И Лера поедет в тот другой, великолепный мир, где нет штопаных колгот.
Ожидание закончилось, когда отец привел в дом Клаву.
– Знакомься, Лерунь, это – тетя Клава, – он указал на женщину, высокую, тощую с выпирающим животом, на котором возлежали водянистые руки. – Она будет твоей мамой.

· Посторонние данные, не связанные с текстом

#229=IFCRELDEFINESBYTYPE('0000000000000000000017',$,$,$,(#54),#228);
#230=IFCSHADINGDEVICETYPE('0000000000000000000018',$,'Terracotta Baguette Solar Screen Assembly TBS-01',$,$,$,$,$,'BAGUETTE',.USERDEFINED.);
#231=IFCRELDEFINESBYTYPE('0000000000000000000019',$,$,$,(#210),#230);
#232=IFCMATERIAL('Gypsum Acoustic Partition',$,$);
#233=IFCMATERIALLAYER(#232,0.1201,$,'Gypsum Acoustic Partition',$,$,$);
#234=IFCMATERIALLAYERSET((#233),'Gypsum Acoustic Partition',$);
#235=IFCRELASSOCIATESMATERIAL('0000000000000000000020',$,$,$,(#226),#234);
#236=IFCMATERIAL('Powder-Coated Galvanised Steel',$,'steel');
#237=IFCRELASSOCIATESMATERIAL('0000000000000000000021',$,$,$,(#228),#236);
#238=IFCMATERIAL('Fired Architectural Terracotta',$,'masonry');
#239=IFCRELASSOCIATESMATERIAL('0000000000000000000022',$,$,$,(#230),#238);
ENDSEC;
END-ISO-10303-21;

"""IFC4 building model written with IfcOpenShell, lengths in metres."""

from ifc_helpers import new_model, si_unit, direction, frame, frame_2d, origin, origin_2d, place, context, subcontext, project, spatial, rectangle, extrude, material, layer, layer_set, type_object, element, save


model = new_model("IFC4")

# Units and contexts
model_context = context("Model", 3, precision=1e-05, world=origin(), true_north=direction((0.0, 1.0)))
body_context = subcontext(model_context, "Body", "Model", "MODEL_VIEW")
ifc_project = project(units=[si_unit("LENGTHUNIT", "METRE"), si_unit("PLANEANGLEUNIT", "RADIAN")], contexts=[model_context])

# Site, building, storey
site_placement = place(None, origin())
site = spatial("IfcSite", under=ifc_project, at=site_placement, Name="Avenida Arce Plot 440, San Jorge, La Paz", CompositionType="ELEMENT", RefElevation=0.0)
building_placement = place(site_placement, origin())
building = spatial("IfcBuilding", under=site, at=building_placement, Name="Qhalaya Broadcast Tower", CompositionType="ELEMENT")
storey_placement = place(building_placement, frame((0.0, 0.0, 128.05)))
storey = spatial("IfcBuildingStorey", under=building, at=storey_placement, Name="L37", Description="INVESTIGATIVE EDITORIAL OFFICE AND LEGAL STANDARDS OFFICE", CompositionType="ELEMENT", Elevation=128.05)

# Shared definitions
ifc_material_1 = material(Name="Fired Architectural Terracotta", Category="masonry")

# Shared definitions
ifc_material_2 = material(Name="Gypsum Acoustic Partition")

Клава работала в круглосуточной привокзальной столовой, откуда приносила пакеты еды – холодного пюре, комковатой пшенки, котлет и кусков курицы с беловатой жирной кожей. Еда отправлялась в морозильник, где могла храниться долго. Клавина рачительность всех радовала, и ссоры в доме прекратились. Клава не была плохим человеком, скорее уж равнодушным. Она с одинаковым спокойствием относилась и к супругу, и к Лере, и к собственному ребенку, который просто однажды появился в квартире.
Младенцу выделили старую кроватку и старый же комод, потеснив Лерины вещи.
– В тесноте, зато свое, – сказала бабка, разглядывая бледного слабенького мальчишку. Он и кричать-то не умел, только кряхтел, будто бы от рождения был стар.
Младенца нарекли Иваном и начали приучать к экономии. Бабка достала с антресолей старые Лерины вещи, здраво рассудив, что младенцу плевать – мальчуковые они или девочковые. Клава не возражала. Она как-то очень быстро вышла на работу, перепоручив ребенка бабке и Лере. И в доме опять появились перемороженные котлеты, комковатое пюре и полезная пшенка…
Лера привыкла.
Эта привычка, въевшаяся в кровь, мешала. Она останавливала руку, потянувшуюся в кошелек. Она заставляла придирчиво вглядываться в вещи, искать в них не красоту, но практичность. Единственные купленные туфельки из белой замши, на тонюсенькой шпильке, стоили нескольких бессонных ночей и закончились обострением гастрита.
Если бы нашелся покупатель, Лера продала бы туфли, не задумываясь.
Но покупатели не находились, и туфли легли в шкаф. Надевать их было жалко. Иногда Лера доставала коробку, выносила ее на лоджию, к окну, на котором выстроились пластиковые стаканчики с головками лука, и разглядывала покупку.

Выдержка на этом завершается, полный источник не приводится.